# can crypts survive as houseplants?



## hubbahubbahehe (Mar 29, 2004)

can crypts survive as houseplants (with the ambient light from the house) or will they fare better if planted outside, say, in a pond? I'm located in California, it's get to the upper 90's in the summer and gets down to the 30's in the winter...


----------



## MiamiAG (Jan 13, 2004)

Yes, Cryptocoryne can be grown emersed in a room environment. However, their roots/rhizome should be kept wet and the leaves sprayed daily.


----------



## HeyPK (Jan 23, 2004)

Yes, they seem to be able to grow as house plants, but they should be on a windowsill or some place where they get the kind of light that a house plant needs. I grow mine in covered jars or soda pop bottles, and so they get high humidities. I have not had experience growing them at the low humidities seen in the house, especially in winter. 

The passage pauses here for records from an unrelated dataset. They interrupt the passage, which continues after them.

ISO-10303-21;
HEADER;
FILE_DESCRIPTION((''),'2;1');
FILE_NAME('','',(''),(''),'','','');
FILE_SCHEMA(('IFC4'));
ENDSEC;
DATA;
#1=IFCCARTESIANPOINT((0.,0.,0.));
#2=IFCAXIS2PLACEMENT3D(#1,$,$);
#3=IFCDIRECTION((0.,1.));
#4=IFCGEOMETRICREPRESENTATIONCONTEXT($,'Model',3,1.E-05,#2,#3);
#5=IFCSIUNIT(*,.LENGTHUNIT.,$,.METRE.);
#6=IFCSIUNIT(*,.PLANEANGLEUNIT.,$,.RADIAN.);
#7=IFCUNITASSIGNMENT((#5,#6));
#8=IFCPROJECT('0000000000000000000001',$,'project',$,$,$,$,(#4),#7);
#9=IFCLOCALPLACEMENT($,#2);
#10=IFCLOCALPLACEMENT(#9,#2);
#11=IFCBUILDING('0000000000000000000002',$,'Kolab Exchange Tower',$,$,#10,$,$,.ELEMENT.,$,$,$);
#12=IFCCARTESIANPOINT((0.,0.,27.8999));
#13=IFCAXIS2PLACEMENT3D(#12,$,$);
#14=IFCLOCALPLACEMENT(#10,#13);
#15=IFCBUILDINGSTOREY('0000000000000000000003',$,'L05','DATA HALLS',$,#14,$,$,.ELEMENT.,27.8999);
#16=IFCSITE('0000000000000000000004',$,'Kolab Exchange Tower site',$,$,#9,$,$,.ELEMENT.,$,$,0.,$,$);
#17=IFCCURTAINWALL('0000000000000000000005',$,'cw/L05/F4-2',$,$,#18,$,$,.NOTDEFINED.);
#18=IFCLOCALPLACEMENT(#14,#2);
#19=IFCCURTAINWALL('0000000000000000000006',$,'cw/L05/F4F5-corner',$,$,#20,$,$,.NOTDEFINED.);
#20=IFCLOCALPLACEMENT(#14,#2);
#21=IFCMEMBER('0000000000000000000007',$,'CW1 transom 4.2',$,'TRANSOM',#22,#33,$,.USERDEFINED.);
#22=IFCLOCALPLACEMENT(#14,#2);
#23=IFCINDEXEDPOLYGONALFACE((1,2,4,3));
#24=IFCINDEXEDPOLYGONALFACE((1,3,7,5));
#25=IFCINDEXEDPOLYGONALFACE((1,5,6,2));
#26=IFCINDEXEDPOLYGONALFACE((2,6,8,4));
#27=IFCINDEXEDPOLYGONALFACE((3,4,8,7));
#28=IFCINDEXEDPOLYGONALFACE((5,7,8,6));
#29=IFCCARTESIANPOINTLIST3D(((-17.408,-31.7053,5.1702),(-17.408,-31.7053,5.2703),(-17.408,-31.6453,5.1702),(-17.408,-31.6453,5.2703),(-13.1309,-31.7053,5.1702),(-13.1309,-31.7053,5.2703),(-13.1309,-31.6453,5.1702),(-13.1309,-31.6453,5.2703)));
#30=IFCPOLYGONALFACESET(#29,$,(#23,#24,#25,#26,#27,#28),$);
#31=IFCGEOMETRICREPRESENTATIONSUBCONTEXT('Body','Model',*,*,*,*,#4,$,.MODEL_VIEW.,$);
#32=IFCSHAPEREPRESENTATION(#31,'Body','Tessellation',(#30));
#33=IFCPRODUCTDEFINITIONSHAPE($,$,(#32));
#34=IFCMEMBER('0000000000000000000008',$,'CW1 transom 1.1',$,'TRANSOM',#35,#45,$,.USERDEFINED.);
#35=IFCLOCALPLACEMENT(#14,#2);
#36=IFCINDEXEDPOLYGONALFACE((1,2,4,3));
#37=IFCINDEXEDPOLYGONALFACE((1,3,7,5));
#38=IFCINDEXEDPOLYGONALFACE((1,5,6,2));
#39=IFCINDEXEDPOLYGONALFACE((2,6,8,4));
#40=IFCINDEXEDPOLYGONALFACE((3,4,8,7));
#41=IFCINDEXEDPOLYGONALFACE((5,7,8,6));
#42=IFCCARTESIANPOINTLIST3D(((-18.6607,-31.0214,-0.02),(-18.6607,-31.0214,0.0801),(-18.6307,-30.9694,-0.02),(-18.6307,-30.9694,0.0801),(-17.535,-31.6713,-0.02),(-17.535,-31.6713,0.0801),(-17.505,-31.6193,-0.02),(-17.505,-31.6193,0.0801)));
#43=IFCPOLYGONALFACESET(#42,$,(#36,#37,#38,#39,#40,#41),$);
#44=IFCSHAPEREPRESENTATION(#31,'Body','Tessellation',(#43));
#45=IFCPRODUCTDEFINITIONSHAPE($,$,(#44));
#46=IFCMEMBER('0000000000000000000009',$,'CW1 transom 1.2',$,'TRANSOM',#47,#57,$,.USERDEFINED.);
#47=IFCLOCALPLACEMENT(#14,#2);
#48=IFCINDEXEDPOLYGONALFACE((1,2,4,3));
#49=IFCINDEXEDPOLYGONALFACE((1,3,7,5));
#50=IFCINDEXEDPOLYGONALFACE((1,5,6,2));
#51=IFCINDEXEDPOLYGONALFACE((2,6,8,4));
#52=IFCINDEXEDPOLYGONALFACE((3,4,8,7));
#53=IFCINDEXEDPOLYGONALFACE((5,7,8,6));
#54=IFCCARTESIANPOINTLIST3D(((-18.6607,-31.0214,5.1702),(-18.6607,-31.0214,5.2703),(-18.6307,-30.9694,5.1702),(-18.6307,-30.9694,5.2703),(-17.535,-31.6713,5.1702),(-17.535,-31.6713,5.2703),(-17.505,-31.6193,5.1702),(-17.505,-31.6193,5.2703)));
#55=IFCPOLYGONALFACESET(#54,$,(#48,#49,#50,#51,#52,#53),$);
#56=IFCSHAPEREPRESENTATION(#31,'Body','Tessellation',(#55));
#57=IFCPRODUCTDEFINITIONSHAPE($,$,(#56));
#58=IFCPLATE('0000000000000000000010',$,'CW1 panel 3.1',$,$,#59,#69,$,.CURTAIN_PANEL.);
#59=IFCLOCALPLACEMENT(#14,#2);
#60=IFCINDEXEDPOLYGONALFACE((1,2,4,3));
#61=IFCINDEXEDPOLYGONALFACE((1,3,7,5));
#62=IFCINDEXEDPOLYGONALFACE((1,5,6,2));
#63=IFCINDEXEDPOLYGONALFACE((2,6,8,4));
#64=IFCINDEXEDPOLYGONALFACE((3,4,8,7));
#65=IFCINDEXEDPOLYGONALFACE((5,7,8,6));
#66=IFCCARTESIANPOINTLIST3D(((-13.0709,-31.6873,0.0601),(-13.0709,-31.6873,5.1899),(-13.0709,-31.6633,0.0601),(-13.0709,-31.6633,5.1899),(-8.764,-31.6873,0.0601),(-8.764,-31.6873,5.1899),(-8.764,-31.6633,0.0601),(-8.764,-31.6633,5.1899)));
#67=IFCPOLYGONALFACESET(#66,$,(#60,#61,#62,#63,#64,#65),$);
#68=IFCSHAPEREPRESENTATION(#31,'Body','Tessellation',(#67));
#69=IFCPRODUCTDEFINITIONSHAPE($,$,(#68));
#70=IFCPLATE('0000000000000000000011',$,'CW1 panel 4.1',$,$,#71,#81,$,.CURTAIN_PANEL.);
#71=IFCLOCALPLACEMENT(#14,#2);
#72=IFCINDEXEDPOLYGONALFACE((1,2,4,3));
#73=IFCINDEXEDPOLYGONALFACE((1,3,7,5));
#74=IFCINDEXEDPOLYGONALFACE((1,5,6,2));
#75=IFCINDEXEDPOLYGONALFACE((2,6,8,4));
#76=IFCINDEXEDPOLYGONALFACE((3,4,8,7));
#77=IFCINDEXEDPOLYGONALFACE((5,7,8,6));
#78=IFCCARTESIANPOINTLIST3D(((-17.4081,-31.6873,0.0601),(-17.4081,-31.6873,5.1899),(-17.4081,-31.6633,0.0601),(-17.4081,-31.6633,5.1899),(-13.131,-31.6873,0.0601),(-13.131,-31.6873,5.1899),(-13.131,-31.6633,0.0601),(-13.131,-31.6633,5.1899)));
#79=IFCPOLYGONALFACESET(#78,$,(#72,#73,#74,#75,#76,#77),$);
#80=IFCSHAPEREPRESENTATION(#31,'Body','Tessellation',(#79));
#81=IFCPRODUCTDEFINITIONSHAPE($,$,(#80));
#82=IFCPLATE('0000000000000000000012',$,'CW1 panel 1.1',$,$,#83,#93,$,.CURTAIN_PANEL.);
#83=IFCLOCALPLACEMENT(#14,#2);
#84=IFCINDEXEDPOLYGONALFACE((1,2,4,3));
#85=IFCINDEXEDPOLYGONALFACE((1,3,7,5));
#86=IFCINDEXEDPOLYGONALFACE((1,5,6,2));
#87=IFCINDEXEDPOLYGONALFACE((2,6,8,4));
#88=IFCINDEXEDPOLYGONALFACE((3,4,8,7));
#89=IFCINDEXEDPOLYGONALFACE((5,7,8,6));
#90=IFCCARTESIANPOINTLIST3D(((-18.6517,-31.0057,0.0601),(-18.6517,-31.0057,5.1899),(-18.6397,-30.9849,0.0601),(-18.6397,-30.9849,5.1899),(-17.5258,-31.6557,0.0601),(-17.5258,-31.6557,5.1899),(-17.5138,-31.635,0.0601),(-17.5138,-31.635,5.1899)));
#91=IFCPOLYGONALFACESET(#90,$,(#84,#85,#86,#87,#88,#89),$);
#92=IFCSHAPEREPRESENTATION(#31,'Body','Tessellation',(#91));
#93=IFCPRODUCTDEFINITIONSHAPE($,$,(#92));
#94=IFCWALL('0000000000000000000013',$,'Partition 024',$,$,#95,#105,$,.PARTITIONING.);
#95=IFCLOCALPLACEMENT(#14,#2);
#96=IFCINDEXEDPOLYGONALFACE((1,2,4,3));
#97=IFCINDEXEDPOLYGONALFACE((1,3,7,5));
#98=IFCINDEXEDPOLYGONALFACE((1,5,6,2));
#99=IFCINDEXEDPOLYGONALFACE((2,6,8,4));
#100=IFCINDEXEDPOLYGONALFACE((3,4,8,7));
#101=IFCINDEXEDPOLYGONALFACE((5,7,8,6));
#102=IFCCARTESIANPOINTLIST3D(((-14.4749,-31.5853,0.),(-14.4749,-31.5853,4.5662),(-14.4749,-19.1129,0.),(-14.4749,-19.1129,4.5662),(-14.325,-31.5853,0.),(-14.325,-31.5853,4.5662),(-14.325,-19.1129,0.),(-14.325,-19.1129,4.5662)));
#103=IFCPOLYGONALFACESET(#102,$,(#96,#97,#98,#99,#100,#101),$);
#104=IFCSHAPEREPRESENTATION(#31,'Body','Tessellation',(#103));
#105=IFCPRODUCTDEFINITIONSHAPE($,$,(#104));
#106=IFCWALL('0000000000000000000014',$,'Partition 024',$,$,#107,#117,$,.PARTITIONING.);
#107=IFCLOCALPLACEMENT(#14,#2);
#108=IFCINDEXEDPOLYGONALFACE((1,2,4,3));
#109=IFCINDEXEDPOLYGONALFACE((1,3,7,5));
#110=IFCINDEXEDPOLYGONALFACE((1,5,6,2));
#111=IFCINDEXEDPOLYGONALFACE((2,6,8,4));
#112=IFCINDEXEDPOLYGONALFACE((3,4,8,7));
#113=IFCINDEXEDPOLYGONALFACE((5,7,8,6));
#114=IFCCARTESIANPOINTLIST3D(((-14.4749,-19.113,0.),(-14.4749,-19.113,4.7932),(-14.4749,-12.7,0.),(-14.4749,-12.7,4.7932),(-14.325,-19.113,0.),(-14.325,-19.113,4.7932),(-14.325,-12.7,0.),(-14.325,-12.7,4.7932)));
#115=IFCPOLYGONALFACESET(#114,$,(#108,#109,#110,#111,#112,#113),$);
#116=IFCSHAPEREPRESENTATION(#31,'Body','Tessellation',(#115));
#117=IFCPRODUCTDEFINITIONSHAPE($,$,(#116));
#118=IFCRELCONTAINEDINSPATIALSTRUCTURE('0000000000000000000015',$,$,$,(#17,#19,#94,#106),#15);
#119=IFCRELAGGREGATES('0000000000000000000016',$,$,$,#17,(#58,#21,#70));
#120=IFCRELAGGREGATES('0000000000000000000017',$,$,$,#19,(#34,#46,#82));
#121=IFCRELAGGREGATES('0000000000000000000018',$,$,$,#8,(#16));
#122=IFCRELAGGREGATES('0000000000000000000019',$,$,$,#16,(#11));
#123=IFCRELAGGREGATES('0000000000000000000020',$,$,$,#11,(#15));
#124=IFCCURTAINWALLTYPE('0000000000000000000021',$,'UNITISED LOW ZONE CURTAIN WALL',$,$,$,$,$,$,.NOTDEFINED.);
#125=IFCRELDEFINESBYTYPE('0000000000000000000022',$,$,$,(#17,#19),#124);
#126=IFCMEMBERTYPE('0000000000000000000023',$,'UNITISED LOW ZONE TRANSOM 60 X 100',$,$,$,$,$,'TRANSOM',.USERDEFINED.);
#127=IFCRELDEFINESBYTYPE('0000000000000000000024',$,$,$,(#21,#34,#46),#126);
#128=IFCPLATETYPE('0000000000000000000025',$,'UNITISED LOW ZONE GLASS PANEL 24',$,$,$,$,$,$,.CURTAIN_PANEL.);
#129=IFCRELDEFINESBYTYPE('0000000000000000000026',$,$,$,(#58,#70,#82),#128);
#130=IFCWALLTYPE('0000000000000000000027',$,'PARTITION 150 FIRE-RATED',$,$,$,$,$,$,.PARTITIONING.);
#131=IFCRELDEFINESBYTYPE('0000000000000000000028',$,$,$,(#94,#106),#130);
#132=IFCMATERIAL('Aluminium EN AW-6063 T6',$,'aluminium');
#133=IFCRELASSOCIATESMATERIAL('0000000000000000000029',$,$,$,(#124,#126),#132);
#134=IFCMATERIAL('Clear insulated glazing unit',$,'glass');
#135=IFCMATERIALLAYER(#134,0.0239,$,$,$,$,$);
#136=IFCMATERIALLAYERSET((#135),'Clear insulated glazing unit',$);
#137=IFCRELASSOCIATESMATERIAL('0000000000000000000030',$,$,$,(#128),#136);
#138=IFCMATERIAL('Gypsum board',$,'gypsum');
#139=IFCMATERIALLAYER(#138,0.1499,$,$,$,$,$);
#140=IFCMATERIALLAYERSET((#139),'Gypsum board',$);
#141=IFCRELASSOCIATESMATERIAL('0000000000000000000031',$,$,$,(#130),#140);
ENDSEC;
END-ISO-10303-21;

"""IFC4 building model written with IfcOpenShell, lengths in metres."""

from ifc_helpers import new_model, si_unit, direction, frame, frame_2d, origin, origin_2d, place, context, subcontext, project, spatial, rectangle, extrude, material, layer, layer_set, material_profile, profile_set, type_object, element, aggregate, save


model = new_model("IFC4")

# Units and contexts
model_context = context("Model", 3, precision=1e-05, world=origin(), true_north=direction((0.0, 1.0)))
body_context = subcontext(model_context, "Body", "Model", "MODEL_VIEW")
ifc_project = project(units=[si_unit("LENGTHUNIT", "METRE"), si_unit("PLANEANGLEUNIT", "RADIAN")], contexts=[model_context])

# Site, building, storey
site_placement = place(None, origin())
site = spatial("IfcSite", under=ifc_project, at=site_placement, Name="Kolab Exchange Tower site", CompositionType="ELEMENT", RefElevation=0.0)
building_placement = place(site_placement, origin())
building = spatial("IfcBuilding", under=site, at=building_placement, Name="Kolab Exchange Tower", CompositionType="ELEMENT")
storey_placement = place(building_placement, frame((0.0, 0.0, 27.8999)))
storey = spatial("IfcBuildingStorey", under=building, at=storey_placement, Name="L05", Description="DATA HALLS", CompositionType="ELEMENT", Elevation=27.8999)

# Curtain wall
ifc_material_1 = material(Name="Aluminium EN AW-6063 T6", Category="aluminium")
curtain_wall_type = type_object("IfcCurtainWallType", Name="UNITISED LOW ZONE CURTAIN WALL", PredefinedType="NOTDEFINED", material=ifc_material_1)
curtain_wall_1_placement = place(storey_placement, origin())
curtain_wall_1 = element("IfcCurtainWall", 1, at=curtain_wall_1_placement, inside=storey, type_object=curtain_wall_type, Name="cw/L05/F4-2", PredefinedType="NOTDEFINED")

# Curtain wall
curtain_wall_2_placement = place(storey_placement, origin())
curtain_wall_2 = element("IfcCurtainWall", 2, at=curtain_wall_2_placement, inside=storey, type_object=curtain_wall_type, Name="cw/L05/F4F5-corner", PredefinedType="NOTDEFINED")

# Members
ifc_material_profile_1 = material_profile(ifc_material_1, rectangle(XDim=0.0601, YDim=0.1001, at=origin_2d()), Name="RECT 60X100")
ifc_profile_set_1 = profile_set([ifc_material_profile_1], Name="Aluminium EN AW-6063 T6")
member_type_1 = type_object("IfcMemberType", Name="UNITISED LOW ZONE TRANSOM 60 X 100", ElementType="TRANSOM", PredefinedType="USERDEFINED", material=ifc_profile_set_1)
member_1_placement = place(storey_placement, frame((-13.1309, -31.6753, 5.2202), z_axis=(-1.0, 0.0, 0.0), x_axis=(0.0, -1.0, 0.0)))
member_1 = element("IfcMember", 3, at=member_1_placement, type_object=member_type_1, Name="CW1 transom 4.2", ObjectType="TRANSOM", PredefinedType="USERDEFINED", context=body_context, shape_type="SweptSolid", body=[
    extrude(rectangle(XDim=0.0601, YDim=0.1001, at=origin_2d()), origin(), (0.0, 0.0, 1.0), 4.2771),
])
member_2_placement = place(storey_placement, frame((-17.52, -31.6453, 0.03), z_axis=(-0.866039, 0.499977, 0.0), x_axis=(-0.499977, -0.866039, 0.0)))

Jan Bastmeijer has collected a number of accounts of crypts surviving in greenhouses when the heat failed and temperatures went down to freezing or slightly below. Therefore, they ought to survive in a pond in a winter where the lowest temperatures are only a few degrees below freezing. If you grow them in a pond in your backyard, make sure that they do not escape and become a new noxious weed in nearby waterways!


----------



## tanVincent (Mar 19, 2004)

I have my crypt becketii, pointeriifolia, walkeri, willisi, balansae, tokinensis, nurii, graffithi happily living in my emersed crypt garden. They are living in one of my old storage box. 

Just make sure that the substrate is damp, leaves sprayed with water at least once daily and if you are putting them in a makeshift greenhouse, spray them with water once a week.

Cheers
Vincent


----------